In the context of generative AI, 'steps' often refer to the number of iterations or stages in the generation process. The video mentions varying the number of steps from 20 to 50 to observe the impact on image quality and generation time. This indicates that the number of steps can significantly affect both the output and the efficiency of the process.

💡Image Quality

Image quality is a measure of the visual clarity and detail of an image. The video discusses the image quality at different steps of the generation process, noting that it improves as the number of steps increases. This suggests that the generation process involves a trade-off between quality and speed, with higher quality images requiring more steps and thus more time.

💡CFG Scale

CFG Scale likely refers to a configuration setting or a parameter within the AI model that affects how the model generates images. The video mentions testing the CFG scale starting from 1, indicating that it is a tunable parameter that can influence the output. The mention of it getting blurry at higher values suggests that it controls aspects of image detail or focus.

💡Sampling Methods

Sampling methods in the context of AI generative models refer to the techniques used to select or generate data points from a larger dataset. The video lists several sampling methods such as ++2m, Euler, SGM, Simple, Normal, and Beta, indicating that different methods can produce varying image qualities. The presenter's preference for ++2m or Euler suggests that these methods are considered to yield better results in the given context.

💡Choppa

In the video, 'Choppa' seems to be a term used to describe a specific output or style of image generated by the AI model. When the presenter mentions generating 'Choppa' using a model called nf4, it implies that different models can produce different styles or themes in the generated images, and 'Choppa' is one such distinctive style.

💡NF4 and FP8

NF4 and FP8 are model names or versions used within the AI system discussed in the video. The presenter mentions generating images with these models, noting the time and capacity required for different image sizes and steps. NF4 and FP8 likely represent different configurations or optimizations of the AI model, with NF4 being faster but FP8 potentially offering higher quality or different features.

💡Stable Diffusion

Stable Diffusion is a type of AI model known for its ability to generate high-quality images from text prompts. While not directly mentioned in the video script, the term is part of the initial list of models (SD, XL, or Flux). It's likely that Stable Diffusion is one of the models that could be used within the WebUI Forge environment, suggesting that it is a model that can be configured and optimized for various image generation tasks.

Highlights

WebUI Forge now supports Flux1, enhancing compatibility with various models.

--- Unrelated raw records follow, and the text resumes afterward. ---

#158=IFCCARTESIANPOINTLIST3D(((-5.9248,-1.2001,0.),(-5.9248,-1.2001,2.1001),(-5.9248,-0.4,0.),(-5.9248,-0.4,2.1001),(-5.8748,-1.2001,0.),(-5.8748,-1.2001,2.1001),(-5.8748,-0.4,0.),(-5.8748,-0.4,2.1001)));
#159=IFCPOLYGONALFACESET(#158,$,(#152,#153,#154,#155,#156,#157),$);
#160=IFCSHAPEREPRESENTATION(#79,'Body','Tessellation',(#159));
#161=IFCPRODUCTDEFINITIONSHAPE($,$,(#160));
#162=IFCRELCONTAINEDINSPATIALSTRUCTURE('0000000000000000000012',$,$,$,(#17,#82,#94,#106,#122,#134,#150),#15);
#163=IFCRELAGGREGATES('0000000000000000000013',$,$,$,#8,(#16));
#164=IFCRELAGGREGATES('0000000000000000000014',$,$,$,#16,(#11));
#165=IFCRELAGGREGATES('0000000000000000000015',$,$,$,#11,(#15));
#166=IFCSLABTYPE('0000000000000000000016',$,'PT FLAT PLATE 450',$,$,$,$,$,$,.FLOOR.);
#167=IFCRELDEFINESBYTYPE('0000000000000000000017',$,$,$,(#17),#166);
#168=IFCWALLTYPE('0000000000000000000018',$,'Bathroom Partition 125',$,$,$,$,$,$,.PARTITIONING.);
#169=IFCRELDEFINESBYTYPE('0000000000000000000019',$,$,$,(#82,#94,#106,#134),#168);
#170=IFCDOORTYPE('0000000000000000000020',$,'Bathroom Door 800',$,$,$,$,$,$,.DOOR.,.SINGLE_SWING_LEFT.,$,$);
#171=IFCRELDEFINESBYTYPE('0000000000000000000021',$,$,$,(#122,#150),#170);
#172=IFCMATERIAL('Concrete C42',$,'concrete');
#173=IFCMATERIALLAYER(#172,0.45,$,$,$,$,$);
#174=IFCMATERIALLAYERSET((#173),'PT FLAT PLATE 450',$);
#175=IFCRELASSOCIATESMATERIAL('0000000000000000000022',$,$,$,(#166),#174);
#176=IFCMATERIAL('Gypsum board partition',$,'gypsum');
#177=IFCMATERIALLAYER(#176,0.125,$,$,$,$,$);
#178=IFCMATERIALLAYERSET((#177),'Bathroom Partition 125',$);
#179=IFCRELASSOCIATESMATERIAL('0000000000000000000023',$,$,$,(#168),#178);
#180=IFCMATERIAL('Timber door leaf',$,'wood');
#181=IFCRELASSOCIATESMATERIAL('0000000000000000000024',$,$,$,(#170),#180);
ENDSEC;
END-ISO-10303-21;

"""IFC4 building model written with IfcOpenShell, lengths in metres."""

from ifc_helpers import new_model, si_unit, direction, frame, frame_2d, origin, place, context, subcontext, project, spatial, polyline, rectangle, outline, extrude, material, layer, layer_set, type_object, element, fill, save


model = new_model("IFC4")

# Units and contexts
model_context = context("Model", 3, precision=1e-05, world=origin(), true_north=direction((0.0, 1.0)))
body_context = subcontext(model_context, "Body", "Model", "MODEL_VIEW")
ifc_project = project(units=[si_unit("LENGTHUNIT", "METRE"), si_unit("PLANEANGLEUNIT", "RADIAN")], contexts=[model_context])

Optimal settings for Flux are automatically configured in Forge.

Preparations are necessary for generating images with Flux.

Varying the number of steps from 20 to 50 affects image generation quality.

RTX 4070ti with 64 memory is used, with 20 steps taking 30-40 seconds.

Image quality improves with an increase in the number of steps.

30 steps are chosen for a balance between quality and generation time.

Exploring various sampling methods in Flux.

Reducing image size to 512 x 768 at step 20.

Certain images become extremely blurry at lower resolutions.

Preference for ++2m or Euler sampling methods over others.

Applying different schedulers to the sampling method improves image quality.

Testing CFG scale with a starting value of 1.

Combination of Euler and Simple sampling methods with a cat prompt.

Increasing CFG scale affects image clarity.

Choppa model generates unexpected results when used with Flux1.

Comparison between NF4 and FP8 models in terms of generation time and capacity.

Flux1 model download link provided in the summary section.

Introduction of Flux1, a model surpassing mid-journey in performance.